The Register: HPE goes Cray for Nvidia’s Blackwell GPUs, crams 224 into a single cabinet

Source URL: https://www.theregister.com/2024/11/13/hpe_cray_ex/
Source: The Register
Title: HPE goes Cray for Nvidia’s Blackwell GPUs, crams 224 into a single cabinet

Feedly Summary: Meanwhile, HPE’s new ProLiant servers offer choice of Gaudi, Hopper, or Instinct acceleration
If you thought Nvidia’s 120 kW NVL72 racks were compute dense with 72 Blackwell accelerators, they have nothing on HPE Cray’s latest EX systems, which will pack more than three times as many GPUs into a single cabinet.…

AI Summary and Description: Yes

Summary: The text discusses HPE Cray’s upcoming EX154n supercomputing platform, which boasts impressive compute density and performance metrics. With support for up to 224 Nvidia Blackwell GPUs and a substantial amount of processing power, this system highlights significant advancements in high-performance computing (HPC) and the infrastructure required for handling demanding AI and machine learning workloads.

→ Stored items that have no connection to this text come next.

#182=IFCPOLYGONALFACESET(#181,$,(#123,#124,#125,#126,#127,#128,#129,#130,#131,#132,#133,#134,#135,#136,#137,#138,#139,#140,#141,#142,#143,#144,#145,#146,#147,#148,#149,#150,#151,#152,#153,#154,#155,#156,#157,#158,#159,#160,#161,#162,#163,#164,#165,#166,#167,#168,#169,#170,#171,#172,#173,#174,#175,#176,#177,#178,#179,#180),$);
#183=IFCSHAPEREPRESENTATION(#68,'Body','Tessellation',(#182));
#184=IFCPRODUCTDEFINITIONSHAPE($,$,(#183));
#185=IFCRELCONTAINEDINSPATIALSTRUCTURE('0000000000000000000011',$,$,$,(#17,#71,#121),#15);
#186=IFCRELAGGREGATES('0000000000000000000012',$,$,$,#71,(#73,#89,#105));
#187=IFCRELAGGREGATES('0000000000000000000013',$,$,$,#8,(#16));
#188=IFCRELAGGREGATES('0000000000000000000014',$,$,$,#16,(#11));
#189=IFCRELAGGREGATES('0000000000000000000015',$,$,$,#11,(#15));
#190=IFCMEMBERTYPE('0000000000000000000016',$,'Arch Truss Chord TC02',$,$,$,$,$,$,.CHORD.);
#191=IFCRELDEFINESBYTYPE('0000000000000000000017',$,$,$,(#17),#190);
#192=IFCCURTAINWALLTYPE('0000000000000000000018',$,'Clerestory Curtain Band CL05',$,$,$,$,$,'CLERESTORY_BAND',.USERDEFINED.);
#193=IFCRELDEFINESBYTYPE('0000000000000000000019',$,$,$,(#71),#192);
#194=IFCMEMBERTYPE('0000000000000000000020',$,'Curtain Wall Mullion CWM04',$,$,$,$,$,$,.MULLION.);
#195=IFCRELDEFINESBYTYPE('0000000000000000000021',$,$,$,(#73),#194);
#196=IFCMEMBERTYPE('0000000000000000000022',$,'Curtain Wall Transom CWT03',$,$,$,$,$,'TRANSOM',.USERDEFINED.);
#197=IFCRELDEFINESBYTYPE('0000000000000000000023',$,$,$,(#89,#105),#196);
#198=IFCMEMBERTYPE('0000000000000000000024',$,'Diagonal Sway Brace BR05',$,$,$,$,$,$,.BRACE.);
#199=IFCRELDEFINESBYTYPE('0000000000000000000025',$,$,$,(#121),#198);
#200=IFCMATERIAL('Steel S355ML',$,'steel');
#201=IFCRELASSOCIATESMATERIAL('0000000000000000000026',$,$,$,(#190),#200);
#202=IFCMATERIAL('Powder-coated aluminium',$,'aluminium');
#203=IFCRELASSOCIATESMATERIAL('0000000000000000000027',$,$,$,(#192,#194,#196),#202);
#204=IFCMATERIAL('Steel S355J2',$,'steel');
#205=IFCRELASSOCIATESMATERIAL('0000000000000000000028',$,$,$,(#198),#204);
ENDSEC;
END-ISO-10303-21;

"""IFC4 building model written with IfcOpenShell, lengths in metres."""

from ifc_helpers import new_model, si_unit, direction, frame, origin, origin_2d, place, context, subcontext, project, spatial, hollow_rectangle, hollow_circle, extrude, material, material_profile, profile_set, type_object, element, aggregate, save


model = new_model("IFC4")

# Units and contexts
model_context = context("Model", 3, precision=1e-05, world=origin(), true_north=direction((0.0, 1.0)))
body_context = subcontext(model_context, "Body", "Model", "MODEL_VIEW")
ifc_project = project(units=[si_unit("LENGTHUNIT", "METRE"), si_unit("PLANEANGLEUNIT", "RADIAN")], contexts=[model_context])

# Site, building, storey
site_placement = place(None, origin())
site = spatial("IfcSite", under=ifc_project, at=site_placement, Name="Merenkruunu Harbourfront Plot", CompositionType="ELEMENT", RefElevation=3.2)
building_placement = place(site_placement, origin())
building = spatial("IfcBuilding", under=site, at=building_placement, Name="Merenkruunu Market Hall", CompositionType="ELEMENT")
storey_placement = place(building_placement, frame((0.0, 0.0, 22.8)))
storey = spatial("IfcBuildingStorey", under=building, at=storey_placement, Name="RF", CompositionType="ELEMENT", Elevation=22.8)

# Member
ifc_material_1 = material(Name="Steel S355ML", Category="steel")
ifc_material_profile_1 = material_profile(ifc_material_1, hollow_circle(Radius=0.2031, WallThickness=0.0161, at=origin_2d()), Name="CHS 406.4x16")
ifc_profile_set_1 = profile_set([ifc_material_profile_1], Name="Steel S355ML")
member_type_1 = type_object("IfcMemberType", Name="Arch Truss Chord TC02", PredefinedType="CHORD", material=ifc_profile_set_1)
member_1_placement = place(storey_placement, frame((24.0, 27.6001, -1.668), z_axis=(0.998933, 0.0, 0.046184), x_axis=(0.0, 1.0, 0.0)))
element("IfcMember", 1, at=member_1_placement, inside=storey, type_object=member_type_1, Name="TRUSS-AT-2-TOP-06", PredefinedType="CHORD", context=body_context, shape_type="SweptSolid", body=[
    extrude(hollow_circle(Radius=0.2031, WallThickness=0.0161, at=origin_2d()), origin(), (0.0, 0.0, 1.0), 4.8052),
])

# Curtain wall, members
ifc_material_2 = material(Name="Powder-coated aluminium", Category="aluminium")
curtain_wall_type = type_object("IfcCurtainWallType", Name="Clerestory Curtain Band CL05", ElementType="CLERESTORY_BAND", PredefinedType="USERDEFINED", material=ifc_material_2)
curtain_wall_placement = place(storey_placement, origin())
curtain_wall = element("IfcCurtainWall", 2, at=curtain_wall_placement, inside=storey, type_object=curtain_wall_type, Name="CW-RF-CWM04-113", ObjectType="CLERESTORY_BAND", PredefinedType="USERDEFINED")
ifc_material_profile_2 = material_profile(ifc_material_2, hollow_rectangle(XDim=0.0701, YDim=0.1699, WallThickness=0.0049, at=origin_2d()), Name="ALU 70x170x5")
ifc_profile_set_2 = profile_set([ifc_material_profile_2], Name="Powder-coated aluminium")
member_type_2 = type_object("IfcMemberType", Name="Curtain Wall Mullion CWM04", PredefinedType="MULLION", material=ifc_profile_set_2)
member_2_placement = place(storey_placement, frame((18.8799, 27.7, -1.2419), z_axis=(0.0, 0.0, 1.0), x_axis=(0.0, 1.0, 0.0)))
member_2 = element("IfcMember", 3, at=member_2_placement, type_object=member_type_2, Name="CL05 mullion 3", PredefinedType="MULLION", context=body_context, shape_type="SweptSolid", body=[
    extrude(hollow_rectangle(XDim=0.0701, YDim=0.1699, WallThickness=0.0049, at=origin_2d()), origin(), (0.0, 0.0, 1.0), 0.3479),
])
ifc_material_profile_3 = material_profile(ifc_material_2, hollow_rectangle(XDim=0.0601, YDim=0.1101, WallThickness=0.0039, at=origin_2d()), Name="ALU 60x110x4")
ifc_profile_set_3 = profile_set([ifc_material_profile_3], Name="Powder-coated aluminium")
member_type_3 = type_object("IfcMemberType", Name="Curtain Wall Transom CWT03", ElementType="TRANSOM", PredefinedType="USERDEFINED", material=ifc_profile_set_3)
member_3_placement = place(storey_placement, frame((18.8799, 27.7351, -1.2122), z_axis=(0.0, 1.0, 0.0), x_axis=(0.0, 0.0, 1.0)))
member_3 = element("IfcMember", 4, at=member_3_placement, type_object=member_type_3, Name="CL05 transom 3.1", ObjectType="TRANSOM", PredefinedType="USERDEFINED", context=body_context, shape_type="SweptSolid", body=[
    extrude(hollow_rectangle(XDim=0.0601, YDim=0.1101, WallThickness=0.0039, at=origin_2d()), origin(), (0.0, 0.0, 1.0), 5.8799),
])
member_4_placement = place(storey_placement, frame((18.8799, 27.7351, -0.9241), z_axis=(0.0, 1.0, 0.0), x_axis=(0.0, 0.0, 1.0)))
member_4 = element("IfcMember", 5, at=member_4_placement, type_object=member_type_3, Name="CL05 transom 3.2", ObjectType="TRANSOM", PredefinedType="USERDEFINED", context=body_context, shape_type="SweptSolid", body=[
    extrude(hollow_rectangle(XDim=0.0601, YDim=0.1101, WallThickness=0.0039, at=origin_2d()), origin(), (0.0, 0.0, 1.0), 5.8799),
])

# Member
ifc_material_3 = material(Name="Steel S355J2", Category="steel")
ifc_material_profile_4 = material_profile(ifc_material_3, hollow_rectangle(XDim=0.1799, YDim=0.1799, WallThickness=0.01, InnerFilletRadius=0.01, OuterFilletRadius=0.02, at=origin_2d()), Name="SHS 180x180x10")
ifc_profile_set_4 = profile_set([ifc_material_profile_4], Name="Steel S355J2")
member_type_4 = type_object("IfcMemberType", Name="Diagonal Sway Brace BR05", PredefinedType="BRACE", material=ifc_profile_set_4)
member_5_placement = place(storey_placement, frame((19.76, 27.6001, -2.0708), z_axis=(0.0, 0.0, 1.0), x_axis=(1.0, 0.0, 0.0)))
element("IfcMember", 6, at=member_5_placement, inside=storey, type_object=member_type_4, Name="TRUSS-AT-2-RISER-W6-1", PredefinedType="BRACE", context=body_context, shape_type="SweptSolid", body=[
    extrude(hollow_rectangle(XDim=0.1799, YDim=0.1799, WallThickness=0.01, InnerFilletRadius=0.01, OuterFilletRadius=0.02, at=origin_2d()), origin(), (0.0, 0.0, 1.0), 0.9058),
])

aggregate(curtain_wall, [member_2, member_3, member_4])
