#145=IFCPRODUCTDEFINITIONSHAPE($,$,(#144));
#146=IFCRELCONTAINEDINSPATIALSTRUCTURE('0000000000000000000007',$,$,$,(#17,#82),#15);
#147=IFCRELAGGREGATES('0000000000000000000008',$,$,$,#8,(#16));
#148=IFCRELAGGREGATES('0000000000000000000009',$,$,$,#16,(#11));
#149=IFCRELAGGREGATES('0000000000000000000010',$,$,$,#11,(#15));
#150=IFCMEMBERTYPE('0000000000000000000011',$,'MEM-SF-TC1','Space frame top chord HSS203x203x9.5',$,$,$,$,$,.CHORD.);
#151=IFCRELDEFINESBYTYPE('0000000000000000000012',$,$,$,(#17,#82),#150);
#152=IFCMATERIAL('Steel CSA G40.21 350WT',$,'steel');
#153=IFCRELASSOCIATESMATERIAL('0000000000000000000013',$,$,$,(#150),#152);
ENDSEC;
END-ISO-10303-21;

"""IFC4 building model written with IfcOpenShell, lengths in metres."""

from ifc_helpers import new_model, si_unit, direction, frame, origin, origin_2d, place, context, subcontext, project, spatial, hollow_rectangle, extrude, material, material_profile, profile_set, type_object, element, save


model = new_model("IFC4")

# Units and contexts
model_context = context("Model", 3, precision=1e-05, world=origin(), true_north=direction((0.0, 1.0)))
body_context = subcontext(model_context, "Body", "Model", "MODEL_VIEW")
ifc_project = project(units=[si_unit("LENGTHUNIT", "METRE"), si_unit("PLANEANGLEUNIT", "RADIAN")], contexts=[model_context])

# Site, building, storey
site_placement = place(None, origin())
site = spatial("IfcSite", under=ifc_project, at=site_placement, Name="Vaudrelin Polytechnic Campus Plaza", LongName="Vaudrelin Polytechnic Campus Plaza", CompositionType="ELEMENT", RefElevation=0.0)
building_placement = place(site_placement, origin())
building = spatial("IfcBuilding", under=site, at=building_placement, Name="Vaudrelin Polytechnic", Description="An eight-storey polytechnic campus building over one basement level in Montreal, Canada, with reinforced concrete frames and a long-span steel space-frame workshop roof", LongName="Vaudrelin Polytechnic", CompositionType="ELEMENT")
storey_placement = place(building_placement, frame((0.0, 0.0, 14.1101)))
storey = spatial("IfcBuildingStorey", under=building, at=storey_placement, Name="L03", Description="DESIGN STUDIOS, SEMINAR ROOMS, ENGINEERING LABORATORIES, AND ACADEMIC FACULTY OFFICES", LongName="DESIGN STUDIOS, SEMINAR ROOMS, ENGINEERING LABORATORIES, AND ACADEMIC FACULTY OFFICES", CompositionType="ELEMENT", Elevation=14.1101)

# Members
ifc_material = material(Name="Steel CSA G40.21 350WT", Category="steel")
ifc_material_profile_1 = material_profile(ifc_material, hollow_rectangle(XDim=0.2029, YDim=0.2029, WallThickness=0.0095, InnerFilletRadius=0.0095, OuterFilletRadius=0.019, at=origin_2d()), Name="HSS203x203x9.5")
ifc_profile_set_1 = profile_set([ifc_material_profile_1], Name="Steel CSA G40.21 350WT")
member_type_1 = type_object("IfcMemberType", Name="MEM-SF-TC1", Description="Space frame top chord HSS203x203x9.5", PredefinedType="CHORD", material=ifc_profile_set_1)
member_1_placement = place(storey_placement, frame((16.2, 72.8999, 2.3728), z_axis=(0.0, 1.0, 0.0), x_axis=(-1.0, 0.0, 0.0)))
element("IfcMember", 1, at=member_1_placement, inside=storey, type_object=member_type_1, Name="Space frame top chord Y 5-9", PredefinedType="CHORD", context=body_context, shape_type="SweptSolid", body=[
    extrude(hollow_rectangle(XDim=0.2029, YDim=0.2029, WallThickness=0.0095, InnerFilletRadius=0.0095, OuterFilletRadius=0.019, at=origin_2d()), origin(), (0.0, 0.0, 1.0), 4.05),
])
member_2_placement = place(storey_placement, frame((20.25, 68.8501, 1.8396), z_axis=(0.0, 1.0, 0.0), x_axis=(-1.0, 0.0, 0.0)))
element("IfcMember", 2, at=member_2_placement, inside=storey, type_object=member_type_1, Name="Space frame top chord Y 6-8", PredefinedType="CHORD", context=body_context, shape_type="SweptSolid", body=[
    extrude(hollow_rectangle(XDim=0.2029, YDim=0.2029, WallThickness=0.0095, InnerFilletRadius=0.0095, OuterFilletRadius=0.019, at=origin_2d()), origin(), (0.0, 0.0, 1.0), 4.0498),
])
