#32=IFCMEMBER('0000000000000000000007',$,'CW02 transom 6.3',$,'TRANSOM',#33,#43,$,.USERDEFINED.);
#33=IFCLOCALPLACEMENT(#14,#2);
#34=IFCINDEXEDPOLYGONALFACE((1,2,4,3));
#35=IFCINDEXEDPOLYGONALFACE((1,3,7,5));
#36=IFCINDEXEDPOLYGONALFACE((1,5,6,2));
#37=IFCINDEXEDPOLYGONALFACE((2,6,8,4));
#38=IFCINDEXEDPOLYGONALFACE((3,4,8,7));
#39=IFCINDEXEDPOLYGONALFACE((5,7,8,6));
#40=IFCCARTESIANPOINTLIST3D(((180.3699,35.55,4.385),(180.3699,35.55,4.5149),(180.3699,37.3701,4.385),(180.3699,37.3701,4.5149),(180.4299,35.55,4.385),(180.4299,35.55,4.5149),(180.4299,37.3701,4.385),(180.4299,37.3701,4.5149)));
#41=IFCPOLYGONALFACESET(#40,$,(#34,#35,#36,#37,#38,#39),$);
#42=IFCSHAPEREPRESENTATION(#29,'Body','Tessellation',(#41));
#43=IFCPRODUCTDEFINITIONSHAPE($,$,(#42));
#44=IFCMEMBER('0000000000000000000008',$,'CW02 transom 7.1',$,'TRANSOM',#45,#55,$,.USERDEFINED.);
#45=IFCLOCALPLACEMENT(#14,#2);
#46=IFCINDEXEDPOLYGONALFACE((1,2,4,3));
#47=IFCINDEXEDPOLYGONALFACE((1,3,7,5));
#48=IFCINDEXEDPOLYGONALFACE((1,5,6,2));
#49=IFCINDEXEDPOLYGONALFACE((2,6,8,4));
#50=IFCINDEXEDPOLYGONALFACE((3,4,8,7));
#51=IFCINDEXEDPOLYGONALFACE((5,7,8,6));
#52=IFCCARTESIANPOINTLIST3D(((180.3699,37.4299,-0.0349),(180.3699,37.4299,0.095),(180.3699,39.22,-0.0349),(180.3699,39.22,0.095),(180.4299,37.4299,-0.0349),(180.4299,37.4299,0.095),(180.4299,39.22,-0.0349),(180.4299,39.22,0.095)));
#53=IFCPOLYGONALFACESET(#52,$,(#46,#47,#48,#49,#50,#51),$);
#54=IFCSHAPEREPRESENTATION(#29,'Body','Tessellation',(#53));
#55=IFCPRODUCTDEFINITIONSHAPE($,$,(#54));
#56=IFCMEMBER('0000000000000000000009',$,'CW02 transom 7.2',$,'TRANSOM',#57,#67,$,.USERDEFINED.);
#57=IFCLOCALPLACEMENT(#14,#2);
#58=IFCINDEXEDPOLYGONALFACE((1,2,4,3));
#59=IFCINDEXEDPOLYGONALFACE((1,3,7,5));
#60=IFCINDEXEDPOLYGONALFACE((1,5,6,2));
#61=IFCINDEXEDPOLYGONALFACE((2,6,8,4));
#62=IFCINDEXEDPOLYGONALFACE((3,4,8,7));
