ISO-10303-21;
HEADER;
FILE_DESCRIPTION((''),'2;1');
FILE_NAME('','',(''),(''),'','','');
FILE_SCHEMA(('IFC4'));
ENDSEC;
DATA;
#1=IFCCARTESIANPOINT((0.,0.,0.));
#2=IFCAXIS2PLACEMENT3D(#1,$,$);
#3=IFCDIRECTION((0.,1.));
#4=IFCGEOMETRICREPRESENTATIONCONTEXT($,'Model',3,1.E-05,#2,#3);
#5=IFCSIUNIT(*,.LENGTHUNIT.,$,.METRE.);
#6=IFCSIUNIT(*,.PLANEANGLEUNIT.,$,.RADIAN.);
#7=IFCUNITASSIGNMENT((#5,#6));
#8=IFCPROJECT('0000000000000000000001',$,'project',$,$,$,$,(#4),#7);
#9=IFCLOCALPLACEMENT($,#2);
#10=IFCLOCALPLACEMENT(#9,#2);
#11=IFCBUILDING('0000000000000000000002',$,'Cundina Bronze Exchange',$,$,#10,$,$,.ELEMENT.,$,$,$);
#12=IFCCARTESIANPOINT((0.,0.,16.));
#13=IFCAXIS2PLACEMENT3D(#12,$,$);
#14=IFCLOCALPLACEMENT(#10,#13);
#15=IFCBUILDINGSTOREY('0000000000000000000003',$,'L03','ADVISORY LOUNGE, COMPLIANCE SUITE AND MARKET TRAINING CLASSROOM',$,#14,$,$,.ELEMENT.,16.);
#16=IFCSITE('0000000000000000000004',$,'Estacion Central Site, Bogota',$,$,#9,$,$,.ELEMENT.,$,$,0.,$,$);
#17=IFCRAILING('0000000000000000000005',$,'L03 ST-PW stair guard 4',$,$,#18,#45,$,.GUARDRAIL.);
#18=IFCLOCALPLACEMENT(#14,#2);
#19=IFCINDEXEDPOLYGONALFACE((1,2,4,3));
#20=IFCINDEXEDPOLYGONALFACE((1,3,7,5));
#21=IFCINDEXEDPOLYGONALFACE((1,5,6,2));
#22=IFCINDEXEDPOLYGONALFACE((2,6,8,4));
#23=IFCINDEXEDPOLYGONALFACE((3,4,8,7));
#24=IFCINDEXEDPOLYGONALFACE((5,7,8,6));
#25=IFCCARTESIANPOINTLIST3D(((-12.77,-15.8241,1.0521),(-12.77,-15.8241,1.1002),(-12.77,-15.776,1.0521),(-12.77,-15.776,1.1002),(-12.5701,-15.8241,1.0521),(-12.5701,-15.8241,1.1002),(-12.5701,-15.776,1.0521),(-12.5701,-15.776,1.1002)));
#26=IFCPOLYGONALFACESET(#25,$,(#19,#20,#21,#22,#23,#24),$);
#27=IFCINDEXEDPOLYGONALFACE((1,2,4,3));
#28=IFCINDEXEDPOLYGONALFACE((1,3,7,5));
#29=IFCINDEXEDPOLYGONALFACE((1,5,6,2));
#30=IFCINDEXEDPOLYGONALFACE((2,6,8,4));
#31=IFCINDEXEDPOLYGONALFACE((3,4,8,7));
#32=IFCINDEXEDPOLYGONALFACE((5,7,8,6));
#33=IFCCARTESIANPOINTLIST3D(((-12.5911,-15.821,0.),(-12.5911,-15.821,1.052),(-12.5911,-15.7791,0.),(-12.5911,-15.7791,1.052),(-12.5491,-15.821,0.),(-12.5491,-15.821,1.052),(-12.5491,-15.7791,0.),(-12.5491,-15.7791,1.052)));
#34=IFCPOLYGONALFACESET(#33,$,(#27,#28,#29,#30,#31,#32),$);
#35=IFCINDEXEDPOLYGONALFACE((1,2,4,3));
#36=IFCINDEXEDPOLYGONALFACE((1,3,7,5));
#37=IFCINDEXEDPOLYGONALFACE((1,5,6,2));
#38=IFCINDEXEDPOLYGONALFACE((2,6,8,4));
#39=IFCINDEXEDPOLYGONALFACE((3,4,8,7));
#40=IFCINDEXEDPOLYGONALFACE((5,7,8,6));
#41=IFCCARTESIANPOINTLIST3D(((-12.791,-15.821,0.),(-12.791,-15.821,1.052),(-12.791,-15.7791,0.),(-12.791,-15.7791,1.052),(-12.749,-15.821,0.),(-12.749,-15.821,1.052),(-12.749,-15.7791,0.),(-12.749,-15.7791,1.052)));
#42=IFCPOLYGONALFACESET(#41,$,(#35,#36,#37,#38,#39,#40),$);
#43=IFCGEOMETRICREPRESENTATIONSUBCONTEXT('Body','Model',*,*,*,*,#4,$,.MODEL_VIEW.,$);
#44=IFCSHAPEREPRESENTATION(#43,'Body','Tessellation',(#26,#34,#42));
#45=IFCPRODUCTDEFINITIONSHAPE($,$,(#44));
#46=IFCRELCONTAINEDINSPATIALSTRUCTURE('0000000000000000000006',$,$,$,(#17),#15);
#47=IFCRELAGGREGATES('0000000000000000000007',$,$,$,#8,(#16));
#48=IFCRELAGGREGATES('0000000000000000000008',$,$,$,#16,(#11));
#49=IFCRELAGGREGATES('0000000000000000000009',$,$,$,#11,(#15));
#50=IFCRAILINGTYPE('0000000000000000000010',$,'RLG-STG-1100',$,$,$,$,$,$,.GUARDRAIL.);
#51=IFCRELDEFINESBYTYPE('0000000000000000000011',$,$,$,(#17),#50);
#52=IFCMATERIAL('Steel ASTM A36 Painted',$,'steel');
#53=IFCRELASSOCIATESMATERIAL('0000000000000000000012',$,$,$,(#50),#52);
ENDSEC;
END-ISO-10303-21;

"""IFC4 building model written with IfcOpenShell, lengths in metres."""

from ifc_helpers import new_model, si_unit, direction, frame, origin, origin_2d, place, context, subcontext, project, spatial, rectangle, extrude, material, type_object, element, save


model = new_model("IFC4")

# Units and contexts
model_context = context("Model", 3, precision=1e-05, world=origin(), true_north=direction((0.0, 1.0)))
body_context = subcontext(model_context, "Body", "Model", "MODEL_VIEW")
ifc_project = project(units=[si_unit("LENGTHUNIT", "METRE"), si_unit("PLANEANGLEUNIT", "RADIAN")], contexts=[model_context])

# Site, building, storey
site_placement = place(None, origin())
site = spatial("IfcSite", under=ifc_project, at=site_placement, Name="Estacion Central Site, Bogota", CompositionType="ELEMENT", RefElevation=0.0)
building_placement = place(site_placement, origin())
building = spatial("IfcBuilding", under=site, at=building_placement, Name="Cundina Bronze Exchange", CompositionType="ELEMENT")
storey_placement = place(building_placement, frame((0.0, 0.0, 16.0)))
storey = spatial("IfcBuildingStorey", under=building, at=storey_placement, Name="L03", Description="ADVISORY LOUNGE, COMPLIANCE SUITE AND MARKET TRAINING CLASSROOM", CompositionType="ELEMENT", Elevation=16.0)

# Shared definitions
ifc_material_1 = material(Name="Steel ASTM A36 Painted", Category="steel")

# Railing
railing_type_1 = type_object("IfcRailingType", Name="RLG-STG-1100", PredefinedType="GUARDRAIL", material=ifc_material_1)
railing_1_placement = place(storey_placement, frame((-12.5701, -15.8, 0.0)))
element("IfcRailing", 1, at=railing_1_placement, inside=storey, type_object=railing_type_1, Name="L03 ST-PW stair guard 4", PredefinedType="GUARDRAIL", context=body_context, shape_type="SweptSolid", body=[
    extrude(rectangle(XDim=0.0481, YDim=0.0481, at=origin_2d()), frame((0.0, 0.0, 1.0762), z_axis=(-1.0, 0.0, 0.0), x_axis=(0.0, -1.0, 0.0)), (0.0, 0.0, 1.0), 0.2),
    extrude(rectangle(XDim=0.042, YDim=0.042, at=origin_2d()), origin(), (0.0, 0.0, 1.0), 1.052),
    extrude(rectangle(XDim=0.042, YDim=0.042, at=origin_2d()), frame((-0.2, 0.0, 0.0)), (0.0, 0.0, 1.0), 1.052),
])

save(model, "model.ifc")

Detailed Description: The passage provides an overview of HPE’s new supercomputing solutions that emphasize both compute density and advancements in infrastructure technology. Key points include:

– **HPE Cray EX154n Platform**:
– Supports up to **224 Nvidia Blackwell GPUs**.
– Can handle over **10 petaFLOPS** at FP64 for HPC applications, or **over 4.4 exaFLOPS** for AI workloads.
– Each accelerator blade consists of two **Grace Blackwell Superchips** (GB200), integrating GPUs and a 72-core Arm CPU.

– **Infrastructure Capabilities**:
– Requires **300 kW** of power per rack, indicating high energy demands.
– Incorporates **liquid cooling** solutions, designed with a **fanless architecture** to improve efficiency and performance.
– New **Slingshot 400 Ethernet NICs** increase bandwidth capabilities from **200 Gbps to 400 Gbps**, serving the needs of high-performance networking.

– **Product Availability**:
– Anticipated shipping for the super-dense Blackwell systems is projected for **late 2025**.
– There are also plans for releasing **Epyc-based EX4252 Gen 2 compute blades** and upgraded **E2000 storage** systems that will enhance I/O performance, employing faster **PCIe 5.0-based NVMe storage**.

– **ProLiant Compute Servers**:
– Introduction of new air-cooled servers leveraging enterprise-grade **iLO management**.
– Support for a range of GPUs including Intel Gaudi3 and upcoming AMD accelerators, offering flexibility in processing power and memory configurations.

The content outlines significant developments in HPC, artificial intelligence (AI), and the infrastructures that support them, making it particularly relevant for professionals focused on AI Security, Infrastructure Security, and Cloud Computing. The drive toward more compute-intensive workloads and efficient resource management underlines the evolving landscape of cloud-based solutions and supercomputing capabilities.